Friday, July 30, 2004

John Kerry -- not qualified to be commander in chief

John Kerry disqualified himself from the presidency today. He stated that he wants Osama bin Laden tried in one of the three states where the 19 murderers landed the 9-11 airplanes: Virginia, Pennsylvania, or New York. This is the stupidest suggestion by a presidential candidate since Walter Mondale promised higher taxes in 1984.

Here is why Kerry's statement is inexcusable:

1. Precedent: By holding a trial of OBL in the United States with a full jury and the protections of the United States legal system, Kerry would be rewarding the most notorious illegal enemy combatant of the last 25 years. The Third and Fourth Geneva Conventions on the law of war are designed to protect LAWFUL combatants who: have uniforms or identifiable insignia, have responsible officers, fight in declared wars against other armed forces (not civilians), fight for or under the auspices of a nation, fight openly as soldiers and do not seek to hide within civilian populations. OBL and his sycophants adhere to none of those principles, yet Kerry would allow them the full rights of criminal defendants in the US.

2. The Geneva Conventions -- the requirements of the Geneva Conventions apply only to lawful combatants; therefore, extending their procedural/substantive protections and supplying protection above the level required by the Conventions to unlawful combatants such as OBL and al-Qaeda defeats the purpose of the Geneva Conventions to bring war into the open, protect civilians and hold states responsible for their military's actions. Unlawful combatants can be shot on sight. Bush should call for that as the remedy to bin Laden's presence.

3. U.S. Security -- OBL would be able to confront every witness against him under the Sixth Amendment's Confrontation Clause, therefore he could force the government to reveal information and intelligence it has kept (and wishes to keep) secret.

Andy McCarthy adds to the list. From his column excoriating Dean when the screaming midget suggested a trial of OBL in January:

Assuming we have not already annihilated [bin Laden], Americans . . . know and expect that his fate, should he emerge from the catacombs, is death, either in battle or by execution at the conclusion of the most summary of military tribunals — the just dessert of unlawful combatants who commit crimes against humanity.

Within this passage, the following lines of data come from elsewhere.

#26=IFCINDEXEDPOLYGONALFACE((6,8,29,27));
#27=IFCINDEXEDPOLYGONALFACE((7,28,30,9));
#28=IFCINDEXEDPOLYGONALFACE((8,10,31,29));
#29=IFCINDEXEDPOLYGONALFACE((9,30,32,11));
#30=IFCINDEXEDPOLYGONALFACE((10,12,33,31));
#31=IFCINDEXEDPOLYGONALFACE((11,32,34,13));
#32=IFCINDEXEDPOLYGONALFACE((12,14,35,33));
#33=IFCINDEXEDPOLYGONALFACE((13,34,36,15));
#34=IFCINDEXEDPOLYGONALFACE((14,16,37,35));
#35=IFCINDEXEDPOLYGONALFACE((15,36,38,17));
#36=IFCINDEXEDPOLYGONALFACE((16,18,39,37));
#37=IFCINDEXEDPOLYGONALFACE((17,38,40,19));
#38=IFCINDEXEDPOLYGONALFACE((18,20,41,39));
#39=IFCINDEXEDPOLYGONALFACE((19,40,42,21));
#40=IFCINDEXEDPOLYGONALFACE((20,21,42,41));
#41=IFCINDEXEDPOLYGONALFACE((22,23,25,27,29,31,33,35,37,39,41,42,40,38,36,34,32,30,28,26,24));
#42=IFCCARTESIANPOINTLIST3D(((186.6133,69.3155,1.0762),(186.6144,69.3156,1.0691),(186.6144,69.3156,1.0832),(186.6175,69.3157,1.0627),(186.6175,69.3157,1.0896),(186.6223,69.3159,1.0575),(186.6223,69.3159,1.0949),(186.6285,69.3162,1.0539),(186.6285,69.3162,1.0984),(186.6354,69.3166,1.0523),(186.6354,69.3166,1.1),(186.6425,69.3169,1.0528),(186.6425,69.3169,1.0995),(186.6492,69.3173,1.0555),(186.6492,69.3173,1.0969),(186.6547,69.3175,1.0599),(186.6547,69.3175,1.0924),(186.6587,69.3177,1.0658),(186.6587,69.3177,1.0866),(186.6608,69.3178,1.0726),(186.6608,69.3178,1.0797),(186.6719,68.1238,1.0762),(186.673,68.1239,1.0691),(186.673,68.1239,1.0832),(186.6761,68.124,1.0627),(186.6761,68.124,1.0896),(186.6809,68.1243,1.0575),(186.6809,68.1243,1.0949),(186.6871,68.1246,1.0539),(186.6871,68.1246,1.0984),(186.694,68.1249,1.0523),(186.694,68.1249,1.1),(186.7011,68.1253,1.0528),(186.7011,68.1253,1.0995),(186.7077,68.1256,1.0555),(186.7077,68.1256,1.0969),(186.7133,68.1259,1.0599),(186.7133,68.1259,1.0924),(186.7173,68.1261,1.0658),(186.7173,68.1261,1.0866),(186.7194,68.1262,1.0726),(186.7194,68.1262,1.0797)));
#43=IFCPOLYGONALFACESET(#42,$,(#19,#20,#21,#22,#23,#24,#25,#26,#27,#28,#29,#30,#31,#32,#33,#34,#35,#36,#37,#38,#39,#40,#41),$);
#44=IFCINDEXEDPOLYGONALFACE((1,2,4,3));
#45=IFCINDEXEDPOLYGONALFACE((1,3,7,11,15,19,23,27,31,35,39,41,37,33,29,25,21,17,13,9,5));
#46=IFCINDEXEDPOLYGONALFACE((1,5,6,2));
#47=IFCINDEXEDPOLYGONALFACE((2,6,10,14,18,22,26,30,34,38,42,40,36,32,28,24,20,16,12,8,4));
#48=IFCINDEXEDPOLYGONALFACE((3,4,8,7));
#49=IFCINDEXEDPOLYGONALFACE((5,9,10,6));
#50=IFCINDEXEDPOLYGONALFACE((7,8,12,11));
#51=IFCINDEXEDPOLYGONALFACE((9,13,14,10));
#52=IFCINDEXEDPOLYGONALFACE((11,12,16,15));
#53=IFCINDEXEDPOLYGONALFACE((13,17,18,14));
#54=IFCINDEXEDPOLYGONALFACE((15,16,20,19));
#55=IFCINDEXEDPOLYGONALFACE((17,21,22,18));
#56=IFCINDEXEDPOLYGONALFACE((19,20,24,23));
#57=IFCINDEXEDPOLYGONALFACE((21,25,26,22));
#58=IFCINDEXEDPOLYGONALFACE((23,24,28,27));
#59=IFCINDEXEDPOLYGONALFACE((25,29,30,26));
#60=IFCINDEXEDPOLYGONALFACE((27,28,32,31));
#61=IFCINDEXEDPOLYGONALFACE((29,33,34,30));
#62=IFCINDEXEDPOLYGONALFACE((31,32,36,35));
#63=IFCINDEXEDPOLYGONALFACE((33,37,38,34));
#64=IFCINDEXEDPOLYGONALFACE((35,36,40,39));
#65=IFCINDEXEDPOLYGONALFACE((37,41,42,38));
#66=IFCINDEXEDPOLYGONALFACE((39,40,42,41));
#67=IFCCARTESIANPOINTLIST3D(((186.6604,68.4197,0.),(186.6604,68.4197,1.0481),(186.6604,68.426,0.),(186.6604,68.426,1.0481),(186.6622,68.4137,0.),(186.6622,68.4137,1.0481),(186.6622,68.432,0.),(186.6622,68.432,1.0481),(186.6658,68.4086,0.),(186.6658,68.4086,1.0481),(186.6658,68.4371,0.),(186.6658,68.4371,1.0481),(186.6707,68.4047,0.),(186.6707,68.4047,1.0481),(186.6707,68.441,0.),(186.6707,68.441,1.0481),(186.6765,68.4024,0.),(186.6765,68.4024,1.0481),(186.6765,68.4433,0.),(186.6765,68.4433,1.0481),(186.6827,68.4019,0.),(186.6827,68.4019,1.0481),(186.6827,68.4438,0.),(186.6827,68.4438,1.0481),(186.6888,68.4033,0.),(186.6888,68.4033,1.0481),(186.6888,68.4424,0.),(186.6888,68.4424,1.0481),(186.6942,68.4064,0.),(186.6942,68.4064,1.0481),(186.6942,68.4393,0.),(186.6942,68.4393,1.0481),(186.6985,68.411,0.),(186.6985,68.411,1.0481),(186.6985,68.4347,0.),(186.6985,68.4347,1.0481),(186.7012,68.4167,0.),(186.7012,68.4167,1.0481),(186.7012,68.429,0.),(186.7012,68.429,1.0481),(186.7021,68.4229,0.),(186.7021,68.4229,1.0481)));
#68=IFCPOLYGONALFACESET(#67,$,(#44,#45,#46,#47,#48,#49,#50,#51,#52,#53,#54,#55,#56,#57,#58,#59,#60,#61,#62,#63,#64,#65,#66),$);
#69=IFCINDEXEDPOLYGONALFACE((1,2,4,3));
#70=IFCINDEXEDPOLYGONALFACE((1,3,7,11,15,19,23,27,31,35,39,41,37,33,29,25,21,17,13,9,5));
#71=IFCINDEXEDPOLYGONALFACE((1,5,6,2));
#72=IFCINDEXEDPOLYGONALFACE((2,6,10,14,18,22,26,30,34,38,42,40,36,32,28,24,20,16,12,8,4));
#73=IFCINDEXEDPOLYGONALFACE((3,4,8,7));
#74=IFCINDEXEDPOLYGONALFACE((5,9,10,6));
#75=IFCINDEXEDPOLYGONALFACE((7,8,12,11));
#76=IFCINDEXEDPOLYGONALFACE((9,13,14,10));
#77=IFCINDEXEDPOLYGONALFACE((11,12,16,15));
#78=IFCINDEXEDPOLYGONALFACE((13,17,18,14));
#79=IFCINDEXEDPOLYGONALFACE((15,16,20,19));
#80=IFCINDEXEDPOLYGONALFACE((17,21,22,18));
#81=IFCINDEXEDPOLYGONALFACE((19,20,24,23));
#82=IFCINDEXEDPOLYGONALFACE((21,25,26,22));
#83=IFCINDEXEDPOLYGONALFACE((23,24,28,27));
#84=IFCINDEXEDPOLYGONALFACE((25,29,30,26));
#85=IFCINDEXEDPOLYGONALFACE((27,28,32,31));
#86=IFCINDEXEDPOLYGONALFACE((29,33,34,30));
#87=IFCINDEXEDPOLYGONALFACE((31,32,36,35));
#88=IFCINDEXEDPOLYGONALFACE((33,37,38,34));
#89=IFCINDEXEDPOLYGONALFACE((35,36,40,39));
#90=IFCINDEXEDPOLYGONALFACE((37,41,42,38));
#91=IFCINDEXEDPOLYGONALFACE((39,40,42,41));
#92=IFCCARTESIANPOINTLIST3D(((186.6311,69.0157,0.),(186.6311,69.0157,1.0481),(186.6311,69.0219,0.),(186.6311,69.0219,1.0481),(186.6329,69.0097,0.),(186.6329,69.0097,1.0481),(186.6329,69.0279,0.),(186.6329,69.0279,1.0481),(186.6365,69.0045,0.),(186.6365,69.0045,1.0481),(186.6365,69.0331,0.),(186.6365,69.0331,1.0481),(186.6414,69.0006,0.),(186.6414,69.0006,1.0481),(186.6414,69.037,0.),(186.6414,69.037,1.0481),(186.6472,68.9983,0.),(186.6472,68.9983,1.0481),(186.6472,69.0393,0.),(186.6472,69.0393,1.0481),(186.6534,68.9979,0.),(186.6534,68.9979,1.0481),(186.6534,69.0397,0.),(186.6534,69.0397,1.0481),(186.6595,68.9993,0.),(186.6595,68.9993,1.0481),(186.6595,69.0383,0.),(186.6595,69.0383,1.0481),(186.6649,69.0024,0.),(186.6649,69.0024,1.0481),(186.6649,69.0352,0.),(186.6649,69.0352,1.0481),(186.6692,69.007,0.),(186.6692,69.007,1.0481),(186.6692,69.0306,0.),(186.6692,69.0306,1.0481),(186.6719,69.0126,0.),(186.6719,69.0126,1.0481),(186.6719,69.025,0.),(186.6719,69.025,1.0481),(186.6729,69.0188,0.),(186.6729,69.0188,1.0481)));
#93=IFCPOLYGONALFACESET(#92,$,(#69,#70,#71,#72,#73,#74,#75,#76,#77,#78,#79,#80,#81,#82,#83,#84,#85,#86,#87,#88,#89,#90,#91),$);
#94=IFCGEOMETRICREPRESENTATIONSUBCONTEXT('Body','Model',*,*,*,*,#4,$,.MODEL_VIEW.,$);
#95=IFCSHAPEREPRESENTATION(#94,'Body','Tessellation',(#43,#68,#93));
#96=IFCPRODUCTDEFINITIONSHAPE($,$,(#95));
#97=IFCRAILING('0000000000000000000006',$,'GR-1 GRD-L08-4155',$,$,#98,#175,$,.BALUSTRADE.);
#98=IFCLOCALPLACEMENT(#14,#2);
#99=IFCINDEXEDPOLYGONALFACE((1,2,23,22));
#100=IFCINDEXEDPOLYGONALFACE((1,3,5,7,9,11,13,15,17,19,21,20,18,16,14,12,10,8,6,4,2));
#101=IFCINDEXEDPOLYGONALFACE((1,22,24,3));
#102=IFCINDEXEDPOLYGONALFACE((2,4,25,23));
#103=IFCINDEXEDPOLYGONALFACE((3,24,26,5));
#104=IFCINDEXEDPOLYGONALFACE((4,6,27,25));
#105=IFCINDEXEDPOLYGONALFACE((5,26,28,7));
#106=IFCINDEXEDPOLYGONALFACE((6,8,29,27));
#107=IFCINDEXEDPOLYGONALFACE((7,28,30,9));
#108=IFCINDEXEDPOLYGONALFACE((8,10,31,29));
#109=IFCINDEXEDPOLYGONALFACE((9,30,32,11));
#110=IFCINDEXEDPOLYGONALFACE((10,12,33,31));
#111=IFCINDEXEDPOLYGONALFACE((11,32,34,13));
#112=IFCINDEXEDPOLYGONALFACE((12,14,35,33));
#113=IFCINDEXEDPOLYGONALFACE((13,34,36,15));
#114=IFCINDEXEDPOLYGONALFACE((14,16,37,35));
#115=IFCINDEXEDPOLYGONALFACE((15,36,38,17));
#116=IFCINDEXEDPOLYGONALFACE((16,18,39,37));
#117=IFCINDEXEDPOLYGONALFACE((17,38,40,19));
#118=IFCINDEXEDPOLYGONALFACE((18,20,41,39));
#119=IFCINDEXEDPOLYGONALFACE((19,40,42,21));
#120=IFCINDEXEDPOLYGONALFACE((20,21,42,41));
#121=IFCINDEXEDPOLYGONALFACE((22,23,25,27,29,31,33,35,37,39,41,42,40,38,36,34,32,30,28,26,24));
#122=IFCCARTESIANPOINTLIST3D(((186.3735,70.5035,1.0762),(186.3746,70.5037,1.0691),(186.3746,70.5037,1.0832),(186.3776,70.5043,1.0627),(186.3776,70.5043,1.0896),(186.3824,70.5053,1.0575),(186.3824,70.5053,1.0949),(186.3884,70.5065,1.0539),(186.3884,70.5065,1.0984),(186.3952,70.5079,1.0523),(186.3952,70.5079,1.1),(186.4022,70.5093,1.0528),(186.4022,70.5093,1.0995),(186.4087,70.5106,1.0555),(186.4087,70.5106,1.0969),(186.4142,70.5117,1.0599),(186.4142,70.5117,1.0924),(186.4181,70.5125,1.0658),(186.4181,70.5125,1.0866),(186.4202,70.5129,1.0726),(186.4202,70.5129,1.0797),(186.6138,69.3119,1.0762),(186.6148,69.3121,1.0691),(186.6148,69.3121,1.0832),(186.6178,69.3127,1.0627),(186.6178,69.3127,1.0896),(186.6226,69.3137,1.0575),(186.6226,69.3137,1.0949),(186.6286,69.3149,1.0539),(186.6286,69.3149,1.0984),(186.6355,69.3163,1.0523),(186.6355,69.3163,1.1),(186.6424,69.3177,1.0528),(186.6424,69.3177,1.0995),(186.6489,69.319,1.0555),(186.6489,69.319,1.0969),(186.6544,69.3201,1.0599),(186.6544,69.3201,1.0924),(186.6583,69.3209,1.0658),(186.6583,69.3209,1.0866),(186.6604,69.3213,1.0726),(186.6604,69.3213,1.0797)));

Are the Democrats so deeply in the thrall of a fringe that they would nominate, to be president and the face of their party, a person who does not get that? Are they telling Americans that their return to power will mark the end of — and a surrender in — the war on terror? Are they advertising a return to the proven national-suicide approach of cherry-picking a handful of the thousands of terrorists committed to our destruction, bringing these non-Americans whose only connection to our country is to make war on it to the United States, granting them the benefits enumerated in our Bill of Rights, providing them lavish discovery that will be used by their confederates to decipher our intelligence methods and sources, and rolling the dice with jury trials that take years to begin and go on for months after that?


And for problems with the trial-by-jury approach, just look at the idiocies in the trial of the mastermind of the 1998 embassy bombings, as McCarthy notes:

. . . in 2001, a federal judge in Manhattan initially suppressed the embassy bombing confession of al Qaeda terrorist Mohamed Daoud al-Owhali (directly responsible for over 200 murders) upon reasoning that American agents had not given him technically proper Miranda warnings. In fact, al-Owhali was not in the custody of the Americans but of the government of Kenya, which does not provide for counsel at public expense during custodial interrogation. Had the U.S. agents advised al-Owhali that he had the full run of Miranda rights, they'd have been lying to him. Eventually, the judge eventually reversed himself, but only after issuing an opinion holding that foreign terrorists held overseas by foreign sovereigns enjoy many American constitutional rights. The jury, rendering a verdict fully three years after the bombings, ultimately convicted the terrorists but declined to impose the death penalty.

That is no way to run a war against terrorists. John Kerry should know better; because he does not, he is unqualified to be commander in chief.